In der unten stehenden Tabelle wird die benötigte Zeit angezeigt, um das ListBox zu aktualisieren (bei deaktivierter Virtualisierung der Benutzeroberfläche), wenn ein Element hinzugefügt wird. Die Zahl in der ersten Zeile gibt die verstrichene Zeit an, wenn das CLR-List<T>-Objekt an ItemsSource des ListBox-Elements gebunden wird. Die Zahl in der zweiten Zeile gibt die verstrichene Zeit an, wenn eine ObservableCollection<T> an die ItemsSource des ListBox-Elements gebunden wird. Beachten Sie die immense Zeitersparnis, wenn die Datenbindungsstrategie von ObservableCollection<T> verwendet wird.

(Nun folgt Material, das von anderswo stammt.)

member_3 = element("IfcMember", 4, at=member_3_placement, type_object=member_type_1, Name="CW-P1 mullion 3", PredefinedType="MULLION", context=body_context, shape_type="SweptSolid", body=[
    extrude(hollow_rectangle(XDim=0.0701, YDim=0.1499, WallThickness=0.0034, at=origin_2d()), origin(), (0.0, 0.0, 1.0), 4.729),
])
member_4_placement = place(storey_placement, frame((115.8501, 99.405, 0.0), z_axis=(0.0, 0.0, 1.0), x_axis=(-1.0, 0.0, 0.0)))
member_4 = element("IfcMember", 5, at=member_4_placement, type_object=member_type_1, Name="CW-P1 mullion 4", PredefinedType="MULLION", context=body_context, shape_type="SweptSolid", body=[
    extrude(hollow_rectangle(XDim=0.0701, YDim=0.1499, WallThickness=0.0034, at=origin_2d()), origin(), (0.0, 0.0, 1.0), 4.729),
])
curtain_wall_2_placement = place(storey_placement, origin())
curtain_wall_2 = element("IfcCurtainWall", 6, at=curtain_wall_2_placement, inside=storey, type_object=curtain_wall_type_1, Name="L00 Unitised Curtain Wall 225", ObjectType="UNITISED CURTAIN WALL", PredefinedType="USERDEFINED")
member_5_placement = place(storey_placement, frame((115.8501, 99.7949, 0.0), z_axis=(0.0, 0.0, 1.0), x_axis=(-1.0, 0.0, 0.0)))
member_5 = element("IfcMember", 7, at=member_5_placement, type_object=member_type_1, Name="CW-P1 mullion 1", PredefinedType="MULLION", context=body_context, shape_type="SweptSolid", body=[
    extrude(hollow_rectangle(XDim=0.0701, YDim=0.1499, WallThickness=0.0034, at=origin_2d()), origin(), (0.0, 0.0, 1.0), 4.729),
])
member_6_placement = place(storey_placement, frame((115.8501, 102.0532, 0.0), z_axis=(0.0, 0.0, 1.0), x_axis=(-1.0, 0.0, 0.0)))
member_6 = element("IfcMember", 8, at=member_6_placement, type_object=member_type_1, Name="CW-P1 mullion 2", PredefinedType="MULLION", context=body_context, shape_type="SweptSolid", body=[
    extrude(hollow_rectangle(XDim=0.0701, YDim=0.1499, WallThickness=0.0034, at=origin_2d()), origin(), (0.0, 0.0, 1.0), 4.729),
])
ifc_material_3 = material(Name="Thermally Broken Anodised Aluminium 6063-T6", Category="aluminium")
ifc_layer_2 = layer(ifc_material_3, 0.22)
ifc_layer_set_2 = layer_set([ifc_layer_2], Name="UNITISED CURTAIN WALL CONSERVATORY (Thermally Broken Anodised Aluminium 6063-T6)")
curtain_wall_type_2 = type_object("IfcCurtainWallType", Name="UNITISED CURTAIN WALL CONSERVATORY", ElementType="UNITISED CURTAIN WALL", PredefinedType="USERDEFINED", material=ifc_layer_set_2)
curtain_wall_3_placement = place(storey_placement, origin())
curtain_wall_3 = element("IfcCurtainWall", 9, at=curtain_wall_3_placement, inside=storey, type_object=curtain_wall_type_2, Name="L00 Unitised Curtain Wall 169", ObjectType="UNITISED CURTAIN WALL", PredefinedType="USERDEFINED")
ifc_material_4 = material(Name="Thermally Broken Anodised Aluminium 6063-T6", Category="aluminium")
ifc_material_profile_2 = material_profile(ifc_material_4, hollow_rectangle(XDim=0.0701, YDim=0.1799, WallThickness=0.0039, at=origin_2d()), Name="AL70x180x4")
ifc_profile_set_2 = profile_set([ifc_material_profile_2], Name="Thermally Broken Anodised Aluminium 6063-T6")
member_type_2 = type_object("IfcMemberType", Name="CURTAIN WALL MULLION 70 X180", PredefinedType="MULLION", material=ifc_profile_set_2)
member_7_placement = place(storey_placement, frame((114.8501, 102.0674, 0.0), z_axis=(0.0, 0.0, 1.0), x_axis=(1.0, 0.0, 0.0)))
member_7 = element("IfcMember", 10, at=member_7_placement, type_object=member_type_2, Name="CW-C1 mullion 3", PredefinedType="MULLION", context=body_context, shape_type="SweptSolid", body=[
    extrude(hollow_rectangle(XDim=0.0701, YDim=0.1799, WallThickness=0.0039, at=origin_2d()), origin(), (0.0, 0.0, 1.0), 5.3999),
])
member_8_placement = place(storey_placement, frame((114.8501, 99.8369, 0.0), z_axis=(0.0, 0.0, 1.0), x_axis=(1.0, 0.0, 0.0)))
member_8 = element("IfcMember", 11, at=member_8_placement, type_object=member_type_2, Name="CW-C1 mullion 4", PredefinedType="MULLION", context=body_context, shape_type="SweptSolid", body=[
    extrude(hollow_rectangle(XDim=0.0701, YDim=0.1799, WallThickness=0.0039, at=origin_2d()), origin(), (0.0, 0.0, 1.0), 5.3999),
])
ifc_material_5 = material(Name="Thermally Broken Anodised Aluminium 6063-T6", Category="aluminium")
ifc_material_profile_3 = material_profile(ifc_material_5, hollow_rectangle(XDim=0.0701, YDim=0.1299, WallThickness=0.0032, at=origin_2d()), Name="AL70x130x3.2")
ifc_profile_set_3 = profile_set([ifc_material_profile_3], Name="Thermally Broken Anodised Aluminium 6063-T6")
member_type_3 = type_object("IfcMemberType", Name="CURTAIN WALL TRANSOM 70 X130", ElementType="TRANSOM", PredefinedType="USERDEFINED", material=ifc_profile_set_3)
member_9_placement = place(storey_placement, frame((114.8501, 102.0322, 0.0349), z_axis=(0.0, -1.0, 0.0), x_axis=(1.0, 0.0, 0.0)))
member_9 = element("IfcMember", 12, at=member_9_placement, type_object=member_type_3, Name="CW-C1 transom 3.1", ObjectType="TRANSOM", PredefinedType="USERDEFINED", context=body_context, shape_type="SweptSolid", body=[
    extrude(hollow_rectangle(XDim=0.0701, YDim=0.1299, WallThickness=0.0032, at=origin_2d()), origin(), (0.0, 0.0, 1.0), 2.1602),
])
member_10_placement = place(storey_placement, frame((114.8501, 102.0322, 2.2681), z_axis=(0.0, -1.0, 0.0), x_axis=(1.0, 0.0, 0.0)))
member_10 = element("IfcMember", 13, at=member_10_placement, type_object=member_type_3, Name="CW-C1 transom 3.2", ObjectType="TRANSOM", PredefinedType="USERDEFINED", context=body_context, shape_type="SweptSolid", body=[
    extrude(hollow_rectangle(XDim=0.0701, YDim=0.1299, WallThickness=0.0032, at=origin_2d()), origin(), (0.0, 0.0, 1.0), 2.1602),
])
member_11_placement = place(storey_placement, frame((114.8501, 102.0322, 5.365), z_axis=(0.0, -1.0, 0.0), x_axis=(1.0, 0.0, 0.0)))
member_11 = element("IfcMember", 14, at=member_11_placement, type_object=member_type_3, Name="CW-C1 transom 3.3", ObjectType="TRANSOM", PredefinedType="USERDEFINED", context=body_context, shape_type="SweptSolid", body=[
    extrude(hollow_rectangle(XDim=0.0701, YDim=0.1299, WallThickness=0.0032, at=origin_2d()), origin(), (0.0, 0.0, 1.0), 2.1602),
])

Datenbindung von ItemsSource

Aktualisierungszeit für 1 Element (ms)

An ein CLRList<T>-Objekt

1656

An eine ObservableCollection<T>

20

Wenn Sie auswählen können, IList<T> oder IEnumerable an ein ItemsControl-Objekt zu binden, entscheiden Sie sich für das IList<T>-Objekt. Wenn Sie IEnumerable an ItemsControl binden, wird erzwungen, dass WPF ein IList<T>-Wrapperobjekt erstellt, was bedeutet, dass der unnötige Verwaltungsaufwand eines zweiten Objekts sich auf die Leistung auswirkt.

Mit WPF können Sie die Datenbindung an XML-Inhalte ausführen. Allerdings ist die Datenbindung an XML-Inhalte langsamer als die Datenbindung an CLR-Objekte. Konvertieren Sie keine CLR-Objektdaten in XML, wenn es nur zum Zwecke der Datenbindung geschieht.